Looking forward to Mr Oliver's arrival in August. You're already such an awesome catdad!


----------



## Jenny bf (Jul 13, 2013)

Ooh he is adorable. I think getting a playmate for Alli is a great idea, think of all the fun they will have chasing and stalking each other in that Paradise of a Cat condo you have. Its better to do it now while they are both still very young as less likely to have issues with the intros. Yes, the cost will go up but I think the most is in vet costs, for me the food cost was much the same because Lulu would eat half the can and then not want the remainder for the next meal ( how dare I ever even presume to put down the same two meals in a row) so it became more economical. Grooming will be more work, but like TC said you get the joy of watching them play together, twice the love and twice the fun. Kittens are hard work but once that period is over and there is a little bit of maturity about them it is wonderful.


----------



## DebS (Jun 14, 2015)

Oh my goodness, Burt....that is one precious little friend for Allie! Will you call him Ollie? I think Allie and Ollie would be cute together. And I really think you are going to thoroughly enjoy having two pets. It is so fun to watch the interactions and to see how they navigate routines with each other. I have one cat and two dogs. I won't lie, the grooming and tooth brushing takes longer when there is more than one, but I feel it is well worth it. Welcome, little Oliver!


----------



## burt (Jun 2, 2014)

I was sent more pictures of Oliver Mc.Goo


----------



## DebS (Jun 14, 2015)

Oh how cute! I love his coloring.


----------



## bluemilk (Oct 3, 2005)

Whoah! The CONTRAST! Bright orange and stately grey! They're both adorable!!!


----------



## 10cats2dogs (Jun 16, 2013)

Burt,
He's Adorable! Oliver and Allie are going to have such a blast playing tag all over that Awesome cat tree!
You will Definitely be entertained!
Sharon


----------



## 0ozma (Sep 22, 2012)

aw tiny!


----------



## Wish (May 14, 2015)

He's absolutely adorable, keep us updated!


----------



## Mandy and Ellie (Oct 22, 2013)

Oh Burt, I am SOO happy for you! Oliver has got to have the cutest color pattern I've ever seen! What a BEAUTY! 

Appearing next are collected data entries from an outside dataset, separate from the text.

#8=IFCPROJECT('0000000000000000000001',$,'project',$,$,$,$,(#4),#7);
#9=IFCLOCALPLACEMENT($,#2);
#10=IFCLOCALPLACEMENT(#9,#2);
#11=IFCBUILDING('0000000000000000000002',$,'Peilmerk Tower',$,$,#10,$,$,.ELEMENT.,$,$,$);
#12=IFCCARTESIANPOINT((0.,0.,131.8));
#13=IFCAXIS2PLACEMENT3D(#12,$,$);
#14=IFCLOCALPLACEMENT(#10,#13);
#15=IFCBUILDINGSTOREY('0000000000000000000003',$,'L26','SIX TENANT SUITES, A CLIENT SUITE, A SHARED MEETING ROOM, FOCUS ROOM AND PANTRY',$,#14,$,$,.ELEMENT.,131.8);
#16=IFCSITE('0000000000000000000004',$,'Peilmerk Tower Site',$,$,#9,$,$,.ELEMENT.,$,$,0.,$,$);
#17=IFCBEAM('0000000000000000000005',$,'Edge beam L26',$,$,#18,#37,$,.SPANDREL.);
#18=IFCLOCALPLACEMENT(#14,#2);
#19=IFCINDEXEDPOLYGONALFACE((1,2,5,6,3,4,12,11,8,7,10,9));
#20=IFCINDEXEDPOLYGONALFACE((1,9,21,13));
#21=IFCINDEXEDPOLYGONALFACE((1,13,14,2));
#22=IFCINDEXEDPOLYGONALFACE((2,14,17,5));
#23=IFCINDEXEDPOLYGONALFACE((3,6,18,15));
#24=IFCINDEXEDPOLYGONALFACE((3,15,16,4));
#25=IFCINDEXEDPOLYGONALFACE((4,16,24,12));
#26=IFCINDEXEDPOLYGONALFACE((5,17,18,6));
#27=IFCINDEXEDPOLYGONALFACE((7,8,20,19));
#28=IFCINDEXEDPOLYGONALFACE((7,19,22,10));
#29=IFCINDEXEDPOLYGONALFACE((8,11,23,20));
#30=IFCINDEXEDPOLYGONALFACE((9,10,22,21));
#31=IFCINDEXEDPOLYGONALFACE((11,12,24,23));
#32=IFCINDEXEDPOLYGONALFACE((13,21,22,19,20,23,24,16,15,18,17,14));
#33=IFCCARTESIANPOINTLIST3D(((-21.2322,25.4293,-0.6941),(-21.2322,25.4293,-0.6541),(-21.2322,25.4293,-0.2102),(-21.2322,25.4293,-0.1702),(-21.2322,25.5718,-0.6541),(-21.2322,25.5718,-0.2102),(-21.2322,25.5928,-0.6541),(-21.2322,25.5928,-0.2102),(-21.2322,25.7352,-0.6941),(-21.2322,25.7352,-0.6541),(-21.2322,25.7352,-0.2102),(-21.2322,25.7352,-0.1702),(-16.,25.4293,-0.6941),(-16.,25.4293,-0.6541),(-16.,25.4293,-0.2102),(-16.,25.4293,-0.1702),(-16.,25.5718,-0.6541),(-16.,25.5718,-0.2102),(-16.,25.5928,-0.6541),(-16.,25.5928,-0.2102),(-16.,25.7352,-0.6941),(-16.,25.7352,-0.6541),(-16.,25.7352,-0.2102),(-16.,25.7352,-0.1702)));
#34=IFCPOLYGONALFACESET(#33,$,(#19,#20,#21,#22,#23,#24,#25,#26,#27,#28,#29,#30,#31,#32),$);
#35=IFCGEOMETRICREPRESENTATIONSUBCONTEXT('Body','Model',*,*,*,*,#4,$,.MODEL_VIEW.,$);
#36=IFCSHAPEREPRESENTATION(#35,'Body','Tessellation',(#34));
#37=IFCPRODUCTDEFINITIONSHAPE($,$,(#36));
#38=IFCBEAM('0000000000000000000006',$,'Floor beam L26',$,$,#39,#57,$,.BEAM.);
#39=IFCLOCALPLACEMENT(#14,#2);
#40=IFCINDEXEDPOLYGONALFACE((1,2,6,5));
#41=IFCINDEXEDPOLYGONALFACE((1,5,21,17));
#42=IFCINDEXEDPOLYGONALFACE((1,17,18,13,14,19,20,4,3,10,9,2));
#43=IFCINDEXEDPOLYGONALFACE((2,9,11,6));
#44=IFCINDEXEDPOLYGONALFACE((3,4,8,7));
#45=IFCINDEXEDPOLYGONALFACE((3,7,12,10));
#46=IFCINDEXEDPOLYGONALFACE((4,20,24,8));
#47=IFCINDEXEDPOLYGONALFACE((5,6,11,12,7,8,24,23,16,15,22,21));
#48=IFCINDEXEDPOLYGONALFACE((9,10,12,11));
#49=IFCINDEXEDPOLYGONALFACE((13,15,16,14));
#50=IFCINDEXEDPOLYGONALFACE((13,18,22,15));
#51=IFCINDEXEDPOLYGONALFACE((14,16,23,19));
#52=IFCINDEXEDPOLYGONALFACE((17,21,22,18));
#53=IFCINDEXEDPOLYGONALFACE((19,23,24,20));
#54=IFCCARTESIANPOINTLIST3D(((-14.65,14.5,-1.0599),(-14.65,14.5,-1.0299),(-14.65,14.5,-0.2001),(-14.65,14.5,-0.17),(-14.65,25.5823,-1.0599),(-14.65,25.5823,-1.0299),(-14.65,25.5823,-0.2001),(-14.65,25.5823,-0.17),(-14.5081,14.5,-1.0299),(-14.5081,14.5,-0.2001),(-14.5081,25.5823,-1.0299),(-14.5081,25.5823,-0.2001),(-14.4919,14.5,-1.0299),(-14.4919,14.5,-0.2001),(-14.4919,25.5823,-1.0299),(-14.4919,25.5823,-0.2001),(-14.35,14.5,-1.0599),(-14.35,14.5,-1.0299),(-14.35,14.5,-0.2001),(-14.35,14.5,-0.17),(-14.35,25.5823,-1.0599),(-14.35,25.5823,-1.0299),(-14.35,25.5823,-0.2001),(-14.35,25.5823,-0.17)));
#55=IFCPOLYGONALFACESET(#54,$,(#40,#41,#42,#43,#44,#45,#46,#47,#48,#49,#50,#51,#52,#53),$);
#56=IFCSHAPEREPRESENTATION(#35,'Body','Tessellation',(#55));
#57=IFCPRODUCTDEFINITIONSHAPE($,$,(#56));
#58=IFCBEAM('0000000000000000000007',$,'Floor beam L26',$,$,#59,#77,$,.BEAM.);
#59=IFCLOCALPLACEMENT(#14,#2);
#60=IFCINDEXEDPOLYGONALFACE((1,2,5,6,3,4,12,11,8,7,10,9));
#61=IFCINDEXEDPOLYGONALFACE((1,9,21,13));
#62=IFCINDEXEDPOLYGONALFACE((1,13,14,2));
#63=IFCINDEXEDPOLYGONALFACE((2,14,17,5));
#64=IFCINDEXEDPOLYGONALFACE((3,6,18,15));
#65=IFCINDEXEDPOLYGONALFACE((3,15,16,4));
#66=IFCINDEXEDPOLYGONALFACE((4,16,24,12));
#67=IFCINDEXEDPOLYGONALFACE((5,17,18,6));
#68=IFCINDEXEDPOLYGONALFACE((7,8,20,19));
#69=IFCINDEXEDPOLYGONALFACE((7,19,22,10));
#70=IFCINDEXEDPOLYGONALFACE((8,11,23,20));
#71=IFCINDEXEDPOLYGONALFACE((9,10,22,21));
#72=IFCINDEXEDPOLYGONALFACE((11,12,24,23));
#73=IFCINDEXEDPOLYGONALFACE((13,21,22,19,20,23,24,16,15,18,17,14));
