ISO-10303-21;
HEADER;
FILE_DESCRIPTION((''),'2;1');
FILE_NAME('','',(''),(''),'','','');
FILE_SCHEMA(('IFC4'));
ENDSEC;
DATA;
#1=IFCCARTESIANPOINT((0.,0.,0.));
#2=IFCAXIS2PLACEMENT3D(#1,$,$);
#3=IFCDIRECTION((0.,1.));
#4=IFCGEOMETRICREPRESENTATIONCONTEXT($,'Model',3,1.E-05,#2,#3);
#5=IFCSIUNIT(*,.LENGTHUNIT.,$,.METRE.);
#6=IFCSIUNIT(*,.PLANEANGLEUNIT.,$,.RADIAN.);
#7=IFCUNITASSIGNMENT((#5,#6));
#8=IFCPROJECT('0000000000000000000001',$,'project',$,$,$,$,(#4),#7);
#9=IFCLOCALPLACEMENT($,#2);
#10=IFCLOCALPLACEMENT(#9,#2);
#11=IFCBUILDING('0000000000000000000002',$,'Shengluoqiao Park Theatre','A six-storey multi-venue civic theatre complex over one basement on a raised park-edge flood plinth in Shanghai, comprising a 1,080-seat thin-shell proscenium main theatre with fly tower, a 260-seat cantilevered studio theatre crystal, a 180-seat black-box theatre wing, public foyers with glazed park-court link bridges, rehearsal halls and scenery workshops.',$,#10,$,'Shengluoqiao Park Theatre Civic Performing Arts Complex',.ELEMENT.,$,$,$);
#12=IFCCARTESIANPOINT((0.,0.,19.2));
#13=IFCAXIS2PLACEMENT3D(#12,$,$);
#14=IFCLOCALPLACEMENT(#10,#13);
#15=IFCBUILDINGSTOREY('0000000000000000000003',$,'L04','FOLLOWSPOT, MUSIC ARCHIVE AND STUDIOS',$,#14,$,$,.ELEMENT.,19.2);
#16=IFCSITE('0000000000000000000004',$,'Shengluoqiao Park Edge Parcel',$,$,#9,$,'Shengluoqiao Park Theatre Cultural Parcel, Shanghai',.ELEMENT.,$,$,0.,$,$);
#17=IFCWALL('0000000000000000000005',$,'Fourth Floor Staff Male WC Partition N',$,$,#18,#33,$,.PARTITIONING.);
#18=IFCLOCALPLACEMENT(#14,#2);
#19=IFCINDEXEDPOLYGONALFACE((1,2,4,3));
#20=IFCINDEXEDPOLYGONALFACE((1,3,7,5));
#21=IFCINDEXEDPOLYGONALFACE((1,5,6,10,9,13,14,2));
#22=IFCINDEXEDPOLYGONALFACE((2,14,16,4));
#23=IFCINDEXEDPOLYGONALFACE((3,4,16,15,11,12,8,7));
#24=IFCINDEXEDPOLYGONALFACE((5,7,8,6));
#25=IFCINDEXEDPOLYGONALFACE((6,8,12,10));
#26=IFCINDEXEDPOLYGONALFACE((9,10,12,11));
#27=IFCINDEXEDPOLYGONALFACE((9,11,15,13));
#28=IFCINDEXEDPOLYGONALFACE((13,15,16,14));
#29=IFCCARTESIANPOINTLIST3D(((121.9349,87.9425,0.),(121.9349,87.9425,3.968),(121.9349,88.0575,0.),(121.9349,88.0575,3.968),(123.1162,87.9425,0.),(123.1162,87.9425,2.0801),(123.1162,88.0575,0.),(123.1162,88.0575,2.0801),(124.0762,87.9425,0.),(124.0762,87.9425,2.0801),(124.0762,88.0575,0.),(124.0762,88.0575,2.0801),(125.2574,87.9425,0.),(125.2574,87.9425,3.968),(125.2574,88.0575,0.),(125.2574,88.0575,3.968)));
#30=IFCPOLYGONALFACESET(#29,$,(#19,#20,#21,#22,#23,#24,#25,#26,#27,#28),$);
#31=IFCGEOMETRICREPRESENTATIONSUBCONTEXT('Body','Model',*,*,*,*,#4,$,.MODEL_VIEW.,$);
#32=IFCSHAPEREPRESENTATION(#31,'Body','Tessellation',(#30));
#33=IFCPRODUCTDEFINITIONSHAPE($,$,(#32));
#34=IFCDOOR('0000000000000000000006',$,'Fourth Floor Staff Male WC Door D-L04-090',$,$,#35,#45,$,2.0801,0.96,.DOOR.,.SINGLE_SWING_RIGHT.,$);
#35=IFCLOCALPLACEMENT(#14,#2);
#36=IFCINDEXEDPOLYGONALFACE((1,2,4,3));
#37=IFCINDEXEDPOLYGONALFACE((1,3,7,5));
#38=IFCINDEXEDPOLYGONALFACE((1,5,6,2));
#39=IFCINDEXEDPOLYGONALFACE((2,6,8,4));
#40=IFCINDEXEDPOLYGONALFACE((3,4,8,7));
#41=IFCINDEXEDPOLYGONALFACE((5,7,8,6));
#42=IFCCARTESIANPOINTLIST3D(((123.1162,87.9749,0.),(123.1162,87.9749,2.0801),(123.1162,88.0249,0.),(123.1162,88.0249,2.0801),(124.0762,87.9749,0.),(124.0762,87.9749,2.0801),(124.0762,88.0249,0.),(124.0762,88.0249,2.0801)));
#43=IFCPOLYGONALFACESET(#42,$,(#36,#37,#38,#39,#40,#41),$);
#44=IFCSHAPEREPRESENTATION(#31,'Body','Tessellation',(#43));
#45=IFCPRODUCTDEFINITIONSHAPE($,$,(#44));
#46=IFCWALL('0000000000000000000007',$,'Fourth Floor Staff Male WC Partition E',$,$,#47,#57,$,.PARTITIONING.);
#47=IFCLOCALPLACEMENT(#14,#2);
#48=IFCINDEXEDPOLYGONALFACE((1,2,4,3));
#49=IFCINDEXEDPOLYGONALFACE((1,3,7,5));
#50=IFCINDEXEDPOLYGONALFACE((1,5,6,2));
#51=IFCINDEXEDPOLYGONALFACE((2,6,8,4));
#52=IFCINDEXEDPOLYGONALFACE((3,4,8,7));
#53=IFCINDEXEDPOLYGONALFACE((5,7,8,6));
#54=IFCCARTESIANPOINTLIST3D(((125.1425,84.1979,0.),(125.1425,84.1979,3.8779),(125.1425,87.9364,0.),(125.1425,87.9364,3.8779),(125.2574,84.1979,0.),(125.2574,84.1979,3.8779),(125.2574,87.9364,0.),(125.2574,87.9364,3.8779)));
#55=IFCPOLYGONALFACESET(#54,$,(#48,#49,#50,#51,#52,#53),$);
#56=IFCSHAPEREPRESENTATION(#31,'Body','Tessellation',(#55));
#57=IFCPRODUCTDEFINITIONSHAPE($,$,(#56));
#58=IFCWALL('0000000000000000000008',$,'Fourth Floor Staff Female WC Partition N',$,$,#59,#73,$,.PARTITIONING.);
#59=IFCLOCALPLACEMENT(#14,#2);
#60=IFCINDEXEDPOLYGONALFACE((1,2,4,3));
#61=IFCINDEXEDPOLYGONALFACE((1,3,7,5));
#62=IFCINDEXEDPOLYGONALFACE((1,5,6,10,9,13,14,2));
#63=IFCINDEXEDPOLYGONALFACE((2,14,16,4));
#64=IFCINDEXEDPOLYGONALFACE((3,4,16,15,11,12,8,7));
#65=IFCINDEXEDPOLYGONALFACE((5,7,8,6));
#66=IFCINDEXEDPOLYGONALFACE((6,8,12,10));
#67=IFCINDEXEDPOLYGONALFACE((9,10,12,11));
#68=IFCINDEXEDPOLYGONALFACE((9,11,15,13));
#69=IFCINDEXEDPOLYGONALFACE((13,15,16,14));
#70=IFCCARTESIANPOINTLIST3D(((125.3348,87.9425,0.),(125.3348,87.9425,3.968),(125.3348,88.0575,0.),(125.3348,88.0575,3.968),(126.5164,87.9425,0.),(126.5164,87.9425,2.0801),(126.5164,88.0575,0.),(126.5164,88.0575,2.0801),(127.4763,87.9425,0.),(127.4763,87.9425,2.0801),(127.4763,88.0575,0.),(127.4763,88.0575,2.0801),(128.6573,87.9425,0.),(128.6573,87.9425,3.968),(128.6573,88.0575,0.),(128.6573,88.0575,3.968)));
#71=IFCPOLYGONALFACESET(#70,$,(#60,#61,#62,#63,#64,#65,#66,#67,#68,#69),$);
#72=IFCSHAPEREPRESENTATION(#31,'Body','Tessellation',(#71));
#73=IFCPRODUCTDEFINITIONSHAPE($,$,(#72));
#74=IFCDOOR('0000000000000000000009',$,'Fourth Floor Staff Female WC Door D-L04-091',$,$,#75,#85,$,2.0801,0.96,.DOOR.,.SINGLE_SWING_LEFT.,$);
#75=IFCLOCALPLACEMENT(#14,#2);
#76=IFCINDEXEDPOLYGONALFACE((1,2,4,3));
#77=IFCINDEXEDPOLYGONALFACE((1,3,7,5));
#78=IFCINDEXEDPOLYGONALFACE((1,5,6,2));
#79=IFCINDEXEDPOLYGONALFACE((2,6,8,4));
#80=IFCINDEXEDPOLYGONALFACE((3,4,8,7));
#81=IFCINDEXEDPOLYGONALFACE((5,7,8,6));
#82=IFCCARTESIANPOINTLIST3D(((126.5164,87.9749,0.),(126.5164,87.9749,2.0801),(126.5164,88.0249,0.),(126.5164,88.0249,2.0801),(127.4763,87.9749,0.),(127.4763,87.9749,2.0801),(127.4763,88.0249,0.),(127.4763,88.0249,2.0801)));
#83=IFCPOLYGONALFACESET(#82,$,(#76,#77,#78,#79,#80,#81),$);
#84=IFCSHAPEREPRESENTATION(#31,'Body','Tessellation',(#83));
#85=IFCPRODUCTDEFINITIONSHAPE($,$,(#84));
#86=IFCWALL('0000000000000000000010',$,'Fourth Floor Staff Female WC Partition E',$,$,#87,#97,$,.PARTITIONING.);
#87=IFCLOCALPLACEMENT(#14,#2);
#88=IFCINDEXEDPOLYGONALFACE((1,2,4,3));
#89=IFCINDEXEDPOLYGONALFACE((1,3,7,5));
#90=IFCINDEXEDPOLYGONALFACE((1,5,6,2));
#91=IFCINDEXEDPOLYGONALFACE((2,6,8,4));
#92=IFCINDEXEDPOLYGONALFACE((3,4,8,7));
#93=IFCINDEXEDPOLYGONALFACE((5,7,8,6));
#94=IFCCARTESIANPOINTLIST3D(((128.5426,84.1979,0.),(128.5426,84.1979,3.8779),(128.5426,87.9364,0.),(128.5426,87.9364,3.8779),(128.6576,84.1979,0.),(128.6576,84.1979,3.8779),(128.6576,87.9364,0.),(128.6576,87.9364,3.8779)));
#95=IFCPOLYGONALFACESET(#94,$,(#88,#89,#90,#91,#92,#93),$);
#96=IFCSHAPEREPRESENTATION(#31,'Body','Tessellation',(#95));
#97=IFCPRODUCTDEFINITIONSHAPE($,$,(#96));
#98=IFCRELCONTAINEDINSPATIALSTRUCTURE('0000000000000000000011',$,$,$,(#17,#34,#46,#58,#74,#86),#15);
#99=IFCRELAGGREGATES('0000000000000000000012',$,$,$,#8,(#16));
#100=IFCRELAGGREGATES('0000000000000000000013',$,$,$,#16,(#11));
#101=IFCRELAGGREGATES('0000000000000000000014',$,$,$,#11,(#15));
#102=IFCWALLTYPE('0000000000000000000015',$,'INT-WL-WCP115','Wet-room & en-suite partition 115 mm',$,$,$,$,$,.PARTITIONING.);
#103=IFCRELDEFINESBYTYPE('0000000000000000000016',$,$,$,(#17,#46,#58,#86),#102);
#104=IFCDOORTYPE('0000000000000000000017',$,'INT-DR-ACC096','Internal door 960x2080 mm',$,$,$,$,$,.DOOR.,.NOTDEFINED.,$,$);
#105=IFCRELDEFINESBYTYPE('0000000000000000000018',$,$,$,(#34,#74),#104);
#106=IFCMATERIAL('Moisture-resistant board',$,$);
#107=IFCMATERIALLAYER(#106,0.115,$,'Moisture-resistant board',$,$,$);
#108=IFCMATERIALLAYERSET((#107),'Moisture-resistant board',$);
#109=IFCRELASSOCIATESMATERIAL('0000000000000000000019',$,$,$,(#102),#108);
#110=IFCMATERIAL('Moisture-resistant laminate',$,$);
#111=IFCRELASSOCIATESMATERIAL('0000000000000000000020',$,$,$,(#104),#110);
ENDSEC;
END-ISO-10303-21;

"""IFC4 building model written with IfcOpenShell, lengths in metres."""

from ifc_helpers import new_model, si_unit, direction, frame, frame_2d, origin, place, context, subcontext, project, spatial, rectangle, extrude, material, layer, layer_set, type_object, element, fill, save


model = new_model("IFC4")

# Units and contexts
model_context = context("Model", 3, precision=1e-05, world=origin(), true_north=direction((0.0, 1.0)))
body_context = subcontext(model_context, "Body", "Model", "MODEL_VIEW")
ifc_project = project(units=[si_unit("LENGTHUNIT", "METRE"), si_unit("PLANEANGLEUNIT", "RADIAN")], contexts=[model_context])

# Site, building, storey
site_placement = place(None, origin())
site = spatial("IfcSite", under=ifc_project, at=site_placement, Name="Shengluoqiao Park Edge Parcel", LongName="Shengluoqiao Park Theatre Cultural Parcel, Shanghai", CompositionType="ELEMENT", RefElevation=0.0)
building_placement = place(site_placement, origin())
building = spatial("IfcBuilding", under=site, at=building_placement, Name="Shengluoqiao Park Theatre", Description="A six-storey multi-venue civic theatre complex over one basement on a raised park-edge flood plinth in Shanghai, comprising a 1,080-seat thin-shell proscenium main theatre with fly tower, a 260-seat cantilevered studio theatre crystal, a 180-seat black-box theatre wing, public foyers with glazed park-court link bridges, rehearsal halls and scenery workshops.", LongName="Shengluoqiao Park Theatre Civic Performing Arts Complex", CompositionType="ELEMENT")
storey_placement = place(building_placement, frame((0.0, 0.0, 19.2)))
storey = spatial("IfcBuildingStorey", under=building, at=storey_placement, Name="L04", Description="FOLLOWSPOT, MUSIC ARCHIVE AND STUDIOS", CompositionType="ELEMENT", Elevation=19.2)

# Shared definitions
ifc_material_1 = material(Name="Moisture-resistant board")
ifc_layer_1 = layer(ifc_material_1, 0.115, Name="Moisture-resistant board")
ifc_layer_set_1 = layer_set([ifc_layer_1], Name="Moisture-resistant board")
wall_type_1 = type_object("IfcWallType", Name="INT-WL-WCP115", Description="Wet-room & en-suite partition 115 mm", PredefinedType="PARTITIONING", material=ifc_layer_set_1)
ifc_material_2 = material(Name="Moisture-resistant laminate")
door_type_1 = type_object("IfcDoorType", Name="INT-DR-ACC096", Description="Internal door 960x2080 mm", OperationType="NOTDEFINED", PredefinedType="DOOR", material=ifc_material_2)

# Wall, opening, door
wall_1_placement = place(storey_placement, frame((121.9351, 88.0, 0.0), z_axis=(0.0, 0.0, 1.0), x_axis=(1.0, 0.0, 0.0)))
wall_1 = element("IfcWall", 1, at=wall_1_placement, inside=storey, type_object=wall_type_1, Name="Fourth Floor Staff Male WC Partition N", PredefinedType="PARTITIONING", context=body_context, shape_type="SweptSolid", body=[
    extrude(rectangle(XDim=3.3225, YDim=0.115, at=frame_2d((1.6611, 0.0))), origin(), (0.0, 0.0, 1.0), 3.968),
])
opening_1_placement = place(wall_1_placement, frame((1.1812, 0.0, 0.0)))
opening_1 = element("IfcOpeningElement", 2, at=opening_1_placement, cuts=wall_1, PredefinedType="OPENING", context=body_context, shape_type="SweptSolid", body=[
    extrude(rectangle(XDim=0.96, YDim=2.0801, at=frame_2d((0.48, 1.04))), frame((0.0, 0.0674, 0.0), z_axis=(0.0, -1.0, 0.0), x_axis=(1.0, 0.0, 0.0)), (0.0, 0.0, 1.0), 0.135),
])
door_1_placement = place(opening_1_placement, origin())
door_1 = element("IfcDoor", 3, at=door_1_placement, inside=storey, type_object=door_type_1, Name="Fourth Floor Staff Male WC Door D-L04-090", OperationType="SINGLE_SWING_RIGHT", OverallHeight=2.0801, OverallWidth=0.96, PredefinedType="DOOR", context=body_context, shape_type="SweptSolid", body=[
    extrude(rectangle(XDim=0.96, YDim=2.0801, at=frame_2d((0.48, 1.04))), frame((0.0, 0.0249, 0.0), z_axis=(0.0, -1.0, 0.0), x_axis=(1.0, 0.0, 0.0)), (0.0, 0.0, 1.0), 0.05),
])
fill(opening_1, door_1)

# Wall
wall_2_placement = place(storey_placement, frame((125.2, 84.198, 0.0), z_axis=(0.0, 0.0, 1.0), x_axis=(0.0, 1.0, 0.0)))
element("IfcWall", 4, at=wall_2_placement, inside=storey, type_object=wall_type_1, Name="Fourth Floor Staff Male WC Partition E", PredefinedType="PARTITIONING", context=body_context, shape_type="SweptSolid", body=[
    extrude(rectangle(XDim=3.7385, YDim=0.115, at=frame_2d((1.8691, 0.0))), origin(), (0.0, 0.0, 1.0), 3.8779),
])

For me, getting Ellie a friend, Tootsie (Tootsie is also Ellie's half-sister!) was the BEST decision I ever made. They are best friends and I couldn't imagine Ellie being alone, she would be lost without her sister to play with, cuddle with, everything! Ellie was naughty when she was the only cat, but when we got Tootsie she became an angel. If she gets ornery they just wrestle and play.

I bet Allie will absolutely love having a little brother to play with!


----------



## burt (Jun 2, 2014)

Today is the big day..Olivers arriving in 2 hours..Omg I hope Allie does not throw a fit...

Im wondering if I should introduce them tonight, the breeder says do it tonight...Oliver will be sleeping in the bathroom for the first 2-3 days..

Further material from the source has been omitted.